We use SystemD instead of supervisor. This makes life much better for us. Previously edits to supervisor files was not trivial and some of the configuration is a bit esoteric. Scaling up and down was not a thing we could do without restarting zerglings.
Zerg mode is designed such that you can just attach more to your pool in order to scale up. Previously we had been using a more advanced configuration with spinningfifo but were not able to use any of the benefits of this. So we have switched to a simplified version which should offer similar benefits.
We will keep a pool of zerglings attached, galaxy-zergling@{0..3}
. By default we will keep only 0 and 1 enabled at boot, under heavy load or a restart of zerglings we can enable additional ones as needed. These zerglings are configured with fewer processes than our previous heavy 8-12 process zerglings.
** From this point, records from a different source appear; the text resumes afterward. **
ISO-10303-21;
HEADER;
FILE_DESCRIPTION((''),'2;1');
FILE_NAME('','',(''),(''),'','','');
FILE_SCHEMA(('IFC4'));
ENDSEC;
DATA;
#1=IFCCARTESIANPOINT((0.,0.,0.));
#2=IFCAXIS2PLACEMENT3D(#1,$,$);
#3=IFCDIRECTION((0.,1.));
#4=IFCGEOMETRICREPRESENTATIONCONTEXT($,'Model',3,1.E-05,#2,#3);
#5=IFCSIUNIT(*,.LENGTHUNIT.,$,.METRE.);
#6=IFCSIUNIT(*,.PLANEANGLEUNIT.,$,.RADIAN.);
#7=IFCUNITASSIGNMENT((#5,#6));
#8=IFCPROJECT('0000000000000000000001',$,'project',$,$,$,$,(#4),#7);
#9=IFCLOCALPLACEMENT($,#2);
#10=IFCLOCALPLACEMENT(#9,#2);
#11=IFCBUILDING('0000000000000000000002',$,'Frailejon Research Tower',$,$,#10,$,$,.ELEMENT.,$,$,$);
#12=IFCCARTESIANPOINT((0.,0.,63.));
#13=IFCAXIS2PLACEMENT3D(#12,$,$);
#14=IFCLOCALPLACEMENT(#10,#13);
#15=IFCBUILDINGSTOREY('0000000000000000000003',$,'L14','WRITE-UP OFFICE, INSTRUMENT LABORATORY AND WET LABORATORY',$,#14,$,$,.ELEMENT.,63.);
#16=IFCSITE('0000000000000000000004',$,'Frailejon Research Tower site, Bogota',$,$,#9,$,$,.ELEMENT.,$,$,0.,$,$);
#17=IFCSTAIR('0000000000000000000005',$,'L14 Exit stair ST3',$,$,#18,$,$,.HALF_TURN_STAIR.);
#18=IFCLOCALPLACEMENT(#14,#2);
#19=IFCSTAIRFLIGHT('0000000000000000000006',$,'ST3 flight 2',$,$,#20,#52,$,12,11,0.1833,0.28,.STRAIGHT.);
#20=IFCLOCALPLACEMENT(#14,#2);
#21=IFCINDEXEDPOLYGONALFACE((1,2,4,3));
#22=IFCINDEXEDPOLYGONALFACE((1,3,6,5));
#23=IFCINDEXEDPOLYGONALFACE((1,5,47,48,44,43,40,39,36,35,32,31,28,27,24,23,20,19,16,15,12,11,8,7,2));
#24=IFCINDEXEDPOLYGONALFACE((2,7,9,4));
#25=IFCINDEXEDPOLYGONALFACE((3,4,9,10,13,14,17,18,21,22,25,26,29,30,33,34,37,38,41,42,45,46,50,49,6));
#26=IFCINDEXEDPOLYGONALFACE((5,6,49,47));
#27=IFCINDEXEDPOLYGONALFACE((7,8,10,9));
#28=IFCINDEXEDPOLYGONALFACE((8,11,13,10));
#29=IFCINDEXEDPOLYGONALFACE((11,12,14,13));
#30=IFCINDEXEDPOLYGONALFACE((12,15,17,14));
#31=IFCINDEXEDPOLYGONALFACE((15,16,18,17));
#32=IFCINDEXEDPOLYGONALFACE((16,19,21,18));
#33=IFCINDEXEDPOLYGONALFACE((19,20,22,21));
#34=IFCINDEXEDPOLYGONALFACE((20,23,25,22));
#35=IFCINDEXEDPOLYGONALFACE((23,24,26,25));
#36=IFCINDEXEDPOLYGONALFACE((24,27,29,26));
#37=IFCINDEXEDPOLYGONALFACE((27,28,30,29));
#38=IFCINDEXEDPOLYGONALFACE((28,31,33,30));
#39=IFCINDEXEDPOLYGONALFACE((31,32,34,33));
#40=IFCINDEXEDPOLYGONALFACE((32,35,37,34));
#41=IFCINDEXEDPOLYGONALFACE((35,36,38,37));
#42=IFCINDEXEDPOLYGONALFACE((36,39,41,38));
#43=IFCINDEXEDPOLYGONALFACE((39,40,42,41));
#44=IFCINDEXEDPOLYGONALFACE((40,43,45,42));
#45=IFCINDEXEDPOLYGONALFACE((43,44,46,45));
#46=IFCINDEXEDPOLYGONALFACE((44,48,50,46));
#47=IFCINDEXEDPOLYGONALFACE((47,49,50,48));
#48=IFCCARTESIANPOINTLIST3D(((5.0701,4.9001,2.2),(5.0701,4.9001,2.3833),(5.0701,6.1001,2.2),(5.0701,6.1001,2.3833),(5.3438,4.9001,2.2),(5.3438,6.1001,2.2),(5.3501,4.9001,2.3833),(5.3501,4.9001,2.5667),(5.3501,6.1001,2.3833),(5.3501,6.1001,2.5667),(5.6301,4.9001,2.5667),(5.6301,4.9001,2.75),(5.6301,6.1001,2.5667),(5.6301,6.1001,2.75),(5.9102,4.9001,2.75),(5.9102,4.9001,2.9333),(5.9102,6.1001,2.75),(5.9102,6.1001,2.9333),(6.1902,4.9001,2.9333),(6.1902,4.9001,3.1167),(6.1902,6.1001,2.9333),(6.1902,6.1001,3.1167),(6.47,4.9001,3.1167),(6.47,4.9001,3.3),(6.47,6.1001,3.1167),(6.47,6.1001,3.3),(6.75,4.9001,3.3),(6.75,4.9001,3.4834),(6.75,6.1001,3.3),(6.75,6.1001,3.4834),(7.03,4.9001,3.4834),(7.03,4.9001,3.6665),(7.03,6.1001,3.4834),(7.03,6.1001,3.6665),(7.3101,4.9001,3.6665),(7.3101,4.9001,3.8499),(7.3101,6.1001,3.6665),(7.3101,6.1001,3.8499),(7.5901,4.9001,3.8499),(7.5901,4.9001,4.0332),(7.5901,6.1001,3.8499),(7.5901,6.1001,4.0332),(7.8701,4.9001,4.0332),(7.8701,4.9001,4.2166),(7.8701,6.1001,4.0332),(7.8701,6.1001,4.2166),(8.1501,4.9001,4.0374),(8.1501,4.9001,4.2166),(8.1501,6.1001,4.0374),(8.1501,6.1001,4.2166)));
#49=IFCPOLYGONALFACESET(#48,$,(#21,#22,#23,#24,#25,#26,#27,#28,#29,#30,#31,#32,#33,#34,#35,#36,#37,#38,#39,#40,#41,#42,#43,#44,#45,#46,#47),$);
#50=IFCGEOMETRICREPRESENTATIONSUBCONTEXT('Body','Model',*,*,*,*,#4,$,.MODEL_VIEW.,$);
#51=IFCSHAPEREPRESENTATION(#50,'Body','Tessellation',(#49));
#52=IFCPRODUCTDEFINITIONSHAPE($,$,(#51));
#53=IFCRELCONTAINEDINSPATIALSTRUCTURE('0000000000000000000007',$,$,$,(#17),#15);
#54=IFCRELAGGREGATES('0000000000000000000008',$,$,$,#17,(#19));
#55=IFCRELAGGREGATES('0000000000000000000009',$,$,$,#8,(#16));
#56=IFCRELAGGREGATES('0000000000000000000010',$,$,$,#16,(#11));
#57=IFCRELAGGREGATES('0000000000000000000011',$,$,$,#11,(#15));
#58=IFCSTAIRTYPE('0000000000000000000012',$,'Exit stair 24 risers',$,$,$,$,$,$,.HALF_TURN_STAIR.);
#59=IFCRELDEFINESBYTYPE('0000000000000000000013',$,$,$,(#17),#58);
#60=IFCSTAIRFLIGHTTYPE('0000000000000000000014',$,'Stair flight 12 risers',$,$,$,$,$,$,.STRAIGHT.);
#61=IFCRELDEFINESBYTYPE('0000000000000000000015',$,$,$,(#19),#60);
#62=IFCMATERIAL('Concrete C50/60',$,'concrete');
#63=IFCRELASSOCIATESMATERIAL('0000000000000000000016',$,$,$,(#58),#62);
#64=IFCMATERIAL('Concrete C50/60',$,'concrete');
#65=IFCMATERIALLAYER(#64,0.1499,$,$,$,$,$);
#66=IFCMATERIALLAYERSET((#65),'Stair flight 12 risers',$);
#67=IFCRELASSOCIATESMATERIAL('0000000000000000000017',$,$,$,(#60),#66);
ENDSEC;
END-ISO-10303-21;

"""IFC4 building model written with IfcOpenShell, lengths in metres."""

from ifc_helpers import new_model, si_unit, direction, frame, origin, place, context, subcontext, project, spatial, polyline, outline, extrude, material, layer, layer_set, type_object, element, aggregate, save


model = new_model("IFC4")

# Units and contexts
model_context = context("Model", 3, precision=1e-05, world=origin(), true_north=direction((0.0, 1.0)))
body_context = subcontext(model_context, "Body", "Model", "MODEL_VIEW")
ifc_project = project(units=[si_unit("LENGTHUNIT", "METRE"), si_unit("PLANEANGLEUNIT", "RADIAN")], contexts=[model_context])

# Site, building, storey
site_placement = place(None, origin())
site = spatial("IfcSite", under=ifc_project, at=site_placement, Name="Frailejon Research Tower site, Bogota", CompositionType="ELEMENT", RefElevation=0.0)
building_placement = place(site_placement, origin())
building = spatial("IfcBuilding", under=site, at=building_placement, Name="Frailejon Research Tower", CompositionType="ELEMENT")
storey_placement = place(building_placement, frame((0.0, 0.0, 63.0)))
storey = spatial("IfcBuildingStorey", under=building, at=storey_placement, Name="L14", Description="WRITE-UP OFFICE, INSTRUMENT LABORATORY AND WET LABORATORY", CompositionType="ELEMENT", Elevation=63.0)

# Stair
ifc_material_1 = material(Name="Concrete C50/60", Category="concrete")
stair_type = type_object("IfcStairType", Name="Exit stair 24 risers", PredefinedType="HALF_TURN_STAIR", material=ifc_material_1)
stair_1_placement = place(storey_placement, origin())
stair_1 = element("IfcStair", 1, at=stair_1_placement, inside=storey, type_object=stair_type, Name="L14 Exit stair ST3", PredefinedType="HALF_TURN_STAIR")

# Stair flight
ifc_material_2 = material(Name="Concrete C50/60", Category="concrete")
ifc_layer_1 = layer(ifc_material_2, 0.1499)
ifc_layer_set_1 = layer_set([ifc_layer_1], Name="Stair flight 12 risers")
stair_flight_type = type_object("IfcStairFlightType", Name="Stair flight 12 risers", PredefinedType="STRAIGHT", material=ifc_layer_set_1)
stair_flight_1_placement = place(storey_placement, frame((5.0701, 5.5, 2.2), z_axis=(0.0, 0.0, 1.0), x_axis=(1.0, 0.0, 0.0)))
stair_flight_1 = element("IfcStairFlight", 2, at=stair_flight_1_placement, type_object=stair_flight_type, Name="ST3 flight 2", NumberOfRisers=12, NumberOfTreads=11, PredefinedType="STRAIGHT", RiserHeight=0.1833, TreadLength=0.28, context=body_context, shape_type="SweptSolid", body=[
    extrude(outline(polyline([(0.0, 0.0), (0.0, 0.1833), (0.28, 0.1833), (0.28, 0.3667), (0.5601, 0.3667), (0.5601, 0.55), (0.8401, 0.55), (0.8401, 0.7334), (1.1201, 0.7334), (1.1201, 0.9167), (1.3999, 0.9167), (1.3999, 1.1001), (1.6799, 1.1001), (1.6799, 1.2834), (1.96, 1.2834), (1.96, 1.4666), (2.24, 1.4666), (2.24, 1.6499), (2.52, 1.6499), (2.52, 1.8333), (2.8, 1.8333), (2.8, 2.0166), (3.0801, 2.0166), (3.0801, 2.2), (3.0801, 1.8374), (0.2737, 0.0), (0.0, 0.0)])), frame((0.0, 0.6001, 0.0), z_axis=(0.0, -1.0, 0.0), x_axis=(1.0, 0.0, 0.0)), (0.0, 0.0, 1.0), 1.2),
])
aggregate(stair_1, [stair_flight_1])

save(model, "model.ifc")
By doing this, instead of running two heavy 8-proc zergs during a restart process, we can more marginally increase load by only adding a 4-proc zerg.
The current status of each process (compare to supervisorctl status
):
galaxy@sn04:~$ gxadmin local status
galaxy-zergpool: Active: active (running) since Wed 2019-03-20 14:51:55 CET; 21h ago
galaxy-zergling@0: Active: active (running) since Thu 2019-03-21 12:03:02 CET; 1min 3s ago
galaxy-zergling@1: Active: active (running) since Thu 2019-03-21 10:41:54 CET; 1h 22min ago
galaxy-zergling@2: Active: inactive (dead)
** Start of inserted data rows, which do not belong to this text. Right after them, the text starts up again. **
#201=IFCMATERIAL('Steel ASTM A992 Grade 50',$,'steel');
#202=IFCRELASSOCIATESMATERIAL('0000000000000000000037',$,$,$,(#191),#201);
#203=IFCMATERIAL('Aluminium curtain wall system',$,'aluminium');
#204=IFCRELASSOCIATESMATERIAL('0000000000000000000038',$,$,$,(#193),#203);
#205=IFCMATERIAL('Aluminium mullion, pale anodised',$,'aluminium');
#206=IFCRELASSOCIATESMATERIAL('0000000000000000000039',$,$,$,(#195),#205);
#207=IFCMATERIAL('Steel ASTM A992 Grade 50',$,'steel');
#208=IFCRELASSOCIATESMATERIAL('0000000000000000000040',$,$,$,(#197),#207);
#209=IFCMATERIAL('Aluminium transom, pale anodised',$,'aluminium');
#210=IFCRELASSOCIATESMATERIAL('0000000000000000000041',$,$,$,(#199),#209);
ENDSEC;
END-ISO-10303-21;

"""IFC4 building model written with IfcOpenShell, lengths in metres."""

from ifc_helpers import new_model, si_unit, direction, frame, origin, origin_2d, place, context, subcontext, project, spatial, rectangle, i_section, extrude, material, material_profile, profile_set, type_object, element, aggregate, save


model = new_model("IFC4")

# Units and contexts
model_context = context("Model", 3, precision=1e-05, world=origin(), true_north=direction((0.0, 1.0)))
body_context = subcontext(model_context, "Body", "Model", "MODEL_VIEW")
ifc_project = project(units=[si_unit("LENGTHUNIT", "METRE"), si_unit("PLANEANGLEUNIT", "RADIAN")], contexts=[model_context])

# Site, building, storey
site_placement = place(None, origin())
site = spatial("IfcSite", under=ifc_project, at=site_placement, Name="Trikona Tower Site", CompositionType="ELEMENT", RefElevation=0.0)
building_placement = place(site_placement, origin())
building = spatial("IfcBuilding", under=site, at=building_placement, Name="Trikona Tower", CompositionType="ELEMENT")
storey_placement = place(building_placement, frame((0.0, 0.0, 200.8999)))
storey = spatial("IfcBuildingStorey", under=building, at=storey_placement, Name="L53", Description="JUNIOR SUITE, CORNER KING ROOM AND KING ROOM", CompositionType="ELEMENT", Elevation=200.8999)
galaxy-zergling@3: Active: inactive (dead)
The current memory usage of each process is available (no supervisor equivalent):
galaxy@sn04:~$ gxadmin local memory
galaxy-zergpool: Memory: 2.8M (limit: 8.0G)
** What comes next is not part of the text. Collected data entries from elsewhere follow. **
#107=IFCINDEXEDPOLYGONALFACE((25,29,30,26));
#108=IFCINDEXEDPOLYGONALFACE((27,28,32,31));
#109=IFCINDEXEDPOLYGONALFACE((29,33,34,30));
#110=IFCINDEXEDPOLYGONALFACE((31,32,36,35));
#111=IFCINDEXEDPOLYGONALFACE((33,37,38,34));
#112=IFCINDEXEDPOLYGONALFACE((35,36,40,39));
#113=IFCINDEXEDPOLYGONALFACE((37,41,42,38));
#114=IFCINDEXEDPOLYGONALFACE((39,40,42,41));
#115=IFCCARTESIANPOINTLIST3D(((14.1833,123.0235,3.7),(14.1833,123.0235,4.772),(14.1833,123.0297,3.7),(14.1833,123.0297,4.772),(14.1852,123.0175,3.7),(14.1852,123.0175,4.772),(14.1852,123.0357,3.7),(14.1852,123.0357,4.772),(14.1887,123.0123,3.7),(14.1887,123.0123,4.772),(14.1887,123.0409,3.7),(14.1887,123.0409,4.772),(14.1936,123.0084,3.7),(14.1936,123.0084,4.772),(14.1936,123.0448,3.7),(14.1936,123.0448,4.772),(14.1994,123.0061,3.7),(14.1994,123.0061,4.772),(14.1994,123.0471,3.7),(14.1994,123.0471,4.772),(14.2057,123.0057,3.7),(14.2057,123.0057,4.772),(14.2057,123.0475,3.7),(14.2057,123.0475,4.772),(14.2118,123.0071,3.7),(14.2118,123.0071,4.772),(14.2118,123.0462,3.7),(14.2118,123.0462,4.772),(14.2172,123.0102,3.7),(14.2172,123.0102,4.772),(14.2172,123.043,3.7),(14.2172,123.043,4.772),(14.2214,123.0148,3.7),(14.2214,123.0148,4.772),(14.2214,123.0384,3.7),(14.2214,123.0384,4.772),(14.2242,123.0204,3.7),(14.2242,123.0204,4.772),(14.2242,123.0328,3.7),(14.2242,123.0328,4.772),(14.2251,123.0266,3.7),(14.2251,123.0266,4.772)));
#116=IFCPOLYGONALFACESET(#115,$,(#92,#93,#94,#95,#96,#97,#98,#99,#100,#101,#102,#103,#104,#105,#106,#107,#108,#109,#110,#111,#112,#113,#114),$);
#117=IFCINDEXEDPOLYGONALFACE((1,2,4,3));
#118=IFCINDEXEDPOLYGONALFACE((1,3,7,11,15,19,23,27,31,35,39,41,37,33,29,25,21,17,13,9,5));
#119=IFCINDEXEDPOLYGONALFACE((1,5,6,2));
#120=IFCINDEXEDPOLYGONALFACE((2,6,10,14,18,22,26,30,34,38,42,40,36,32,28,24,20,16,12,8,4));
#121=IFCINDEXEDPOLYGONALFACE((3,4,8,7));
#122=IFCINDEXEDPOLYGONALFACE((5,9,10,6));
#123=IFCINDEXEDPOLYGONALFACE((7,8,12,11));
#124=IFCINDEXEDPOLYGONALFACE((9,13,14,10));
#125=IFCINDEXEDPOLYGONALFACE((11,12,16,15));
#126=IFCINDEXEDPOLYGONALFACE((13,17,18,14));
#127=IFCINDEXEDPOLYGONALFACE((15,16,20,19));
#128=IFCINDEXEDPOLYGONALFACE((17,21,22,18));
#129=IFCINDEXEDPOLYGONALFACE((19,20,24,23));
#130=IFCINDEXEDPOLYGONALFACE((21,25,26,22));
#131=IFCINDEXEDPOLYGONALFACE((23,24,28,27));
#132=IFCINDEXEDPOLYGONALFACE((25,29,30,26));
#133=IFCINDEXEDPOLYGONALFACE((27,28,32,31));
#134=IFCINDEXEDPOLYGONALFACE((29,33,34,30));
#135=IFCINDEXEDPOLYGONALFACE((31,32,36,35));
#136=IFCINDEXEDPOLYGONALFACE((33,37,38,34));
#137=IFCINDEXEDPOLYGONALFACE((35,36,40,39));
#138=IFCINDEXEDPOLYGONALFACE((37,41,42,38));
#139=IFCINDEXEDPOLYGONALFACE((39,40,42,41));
galaxy-zergling@0: Memory: 238.8M (limit: 16.0G)
galaxy-zergling@1: Memory: 10.5G (limit: 16.0G)
galaxy-zergling@2:
galaxy-zergling@3:
Equivalent to supervisorctl restart hd:
systemctl restart 'galaxy-handler@*'
In theory galaxy-handler@{0..11}
should also work.
Equivalent to supervisorctl restart hd:handler_main_1
systemctl restart galaxy-handler@1
This is the unintelligent way of doing it.
$ gxadmin local zerg-swap
In the future this will be automated, but the intelligent way is:
$ systemctl start galaxy-zergling@2 # One that is off
wait until this comes up (stats addresses are 127.0.0.1:401# where # is the part after @, you can just curl 127.0.0.1:4012
a few times until this comes up. gxadmin has a built in function but it isn’t exposed.)
Once it’s up, there should be three zerglings running. We can do something like:
for i in {1..50}; do curl https://usegalaxy.eu/api/version; done;
to check that everything is responding. It is likely you’ll be spread across all three zerglings. If nothing errors, then you can go ahead and restart 1/2 in series.
This should be an extremely rare phenomenon. This should only occur if:
Then it might be OK to scale up.
Scaling down should be done when it returns to normal.